In einem Interview vom selben Tag, das im Internet zu finden ist, vertritt er die Ansicht, dass es derzeit "massive Grundrechtseinschränkungen" und eine "Zensur in unserem Land" gebe.

In seiner Rede in Konstanz am 3. Oktober griff Bayerlein außerdem die zu diesem Zeitpunkt bereits als gezielte Falschmeldungen enttarnten Gerüchte auf, denen zufolge Kinder durch das Tragen von Mund-Nasen-Schutzmasken ums Leben gekommen seien. Er sprach von "mehreren Todesfällen" und "konkreten Hinweise darauf" und warf vor allem Lehrkräften und Schulleitungen vor, sich mit der Durchsetzung der Maskenpflicht der Misshandlung von Schutzbefohlenen strafbar zu machen.

Der Weißenburger versprach den Mitdemonstranten, dass er sich weiterhin dafür einsetzen werde, "dass die Grundrechte wieder in vollem Umfang gelten". Er hoffe, dass noch mehr Menschen "endlich in Aktion treten", und erklärte: "Ich bin überzeugt, dass ich das Richtige tu."

Vom Dienst suspendiert, vom Verfassungsschutz überprüft

Das sieht das Polizeipräsidium Mittelfranken offenbar anders. Am 5. Oktober wurde Bayerlein im noch immer laufenden Disziplinarverfahren vom Dienst suspendiert.

"Aufgrund der Schwere des im Raum stehenden Dienstvergehens und insbesondere der beharrlichen Fortsetzung seines dienstpflichtwidrigen Verhaltens", erläutert Pressesprecherin Elke Schönwald, bestünden "erhebliche Zweifel an der Loyalität gegenüber dem Dienstherrn."

Einen direkten Zusammenhang der Suspendierung mit dem Auftritt in Konstanz nur zwei Tage zuvor konnte Schönwald nicht bestätigen, erklärte aber, man würde laufend die "zurückliegenden, aktuellen und künftigen Aufritte" Bayerleins prüfen und in das Disziplinarverfahren einfließen lassen. An einen zeitnahen Ausgang des Verfahrens glaubt Schönwald nicht; bis es zu einem Urteil kommt, kann es noch lange dauern.
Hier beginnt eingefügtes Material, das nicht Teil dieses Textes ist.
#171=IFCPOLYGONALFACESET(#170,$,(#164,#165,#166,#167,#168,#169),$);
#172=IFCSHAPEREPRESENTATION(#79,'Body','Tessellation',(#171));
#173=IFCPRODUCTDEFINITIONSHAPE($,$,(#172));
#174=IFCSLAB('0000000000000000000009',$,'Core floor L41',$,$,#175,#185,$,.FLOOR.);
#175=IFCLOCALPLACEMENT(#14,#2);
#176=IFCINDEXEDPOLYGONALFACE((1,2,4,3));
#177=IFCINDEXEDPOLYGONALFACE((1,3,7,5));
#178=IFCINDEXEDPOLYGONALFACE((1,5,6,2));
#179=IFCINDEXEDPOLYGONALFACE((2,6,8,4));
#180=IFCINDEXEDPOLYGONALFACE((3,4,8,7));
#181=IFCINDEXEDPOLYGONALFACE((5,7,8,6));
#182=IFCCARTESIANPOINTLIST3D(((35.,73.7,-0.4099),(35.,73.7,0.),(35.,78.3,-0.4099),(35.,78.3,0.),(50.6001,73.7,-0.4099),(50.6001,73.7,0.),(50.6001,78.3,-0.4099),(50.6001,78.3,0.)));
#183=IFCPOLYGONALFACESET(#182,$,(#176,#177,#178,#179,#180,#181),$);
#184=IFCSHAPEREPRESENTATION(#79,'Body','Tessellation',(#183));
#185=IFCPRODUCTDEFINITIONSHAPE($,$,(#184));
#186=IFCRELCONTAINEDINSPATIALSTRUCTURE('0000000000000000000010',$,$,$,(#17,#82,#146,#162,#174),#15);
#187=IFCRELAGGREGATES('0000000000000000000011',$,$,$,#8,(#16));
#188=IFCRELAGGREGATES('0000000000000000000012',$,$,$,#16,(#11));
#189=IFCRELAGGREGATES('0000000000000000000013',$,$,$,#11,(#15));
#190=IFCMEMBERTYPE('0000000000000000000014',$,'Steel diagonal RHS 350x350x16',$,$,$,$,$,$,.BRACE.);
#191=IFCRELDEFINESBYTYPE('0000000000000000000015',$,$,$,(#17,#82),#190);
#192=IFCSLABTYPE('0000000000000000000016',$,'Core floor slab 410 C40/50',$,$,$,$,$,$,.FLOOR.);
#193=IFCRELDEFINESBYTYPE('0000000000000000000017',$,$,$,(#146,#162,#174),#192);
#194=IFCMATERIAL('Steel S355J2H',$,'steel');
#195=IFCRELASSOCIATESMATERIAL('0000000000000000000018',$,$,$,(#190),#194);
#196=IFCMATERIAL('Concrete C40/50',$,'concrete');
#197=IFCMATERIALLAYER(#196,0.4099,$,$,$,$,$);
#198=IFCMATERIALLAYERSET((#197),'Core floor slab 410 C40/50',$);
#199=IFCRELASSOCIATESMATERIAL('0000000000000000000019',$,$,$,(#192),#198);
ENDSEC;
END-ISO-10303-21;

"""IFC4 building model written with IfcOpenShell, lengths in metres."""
Corona-Skeptiker: Die arrangierte Mehrheit im Netz


Die Dienstaufsicht ist übrigens nicht die einzige Behörde, die sich Bayerleins Reden und Auftritte ganz genau anschaut: Auch der bayerische Verfassungsschutz hat die Inhalte überprüft. Das geht aus einer Antwort des Innenministeriums an den SPD-Landtagsabgeordneten Florian Ritter hervor, der unter anderem wissen wollte, wie die Staatsregierung mit Polizisten verfährt, die bei Corona-Demonstrationen aktiv auftreten.

Das Innenministerium erklärte am 14. September, man habe gegen die Beamten ein Disziplinarverfahren eingeleitet und sie durch das Landesamt für Verfassungsschutz geprüft. "Dabei wurden keine verfassungsschutzrelevanten Inhalte festgestellt."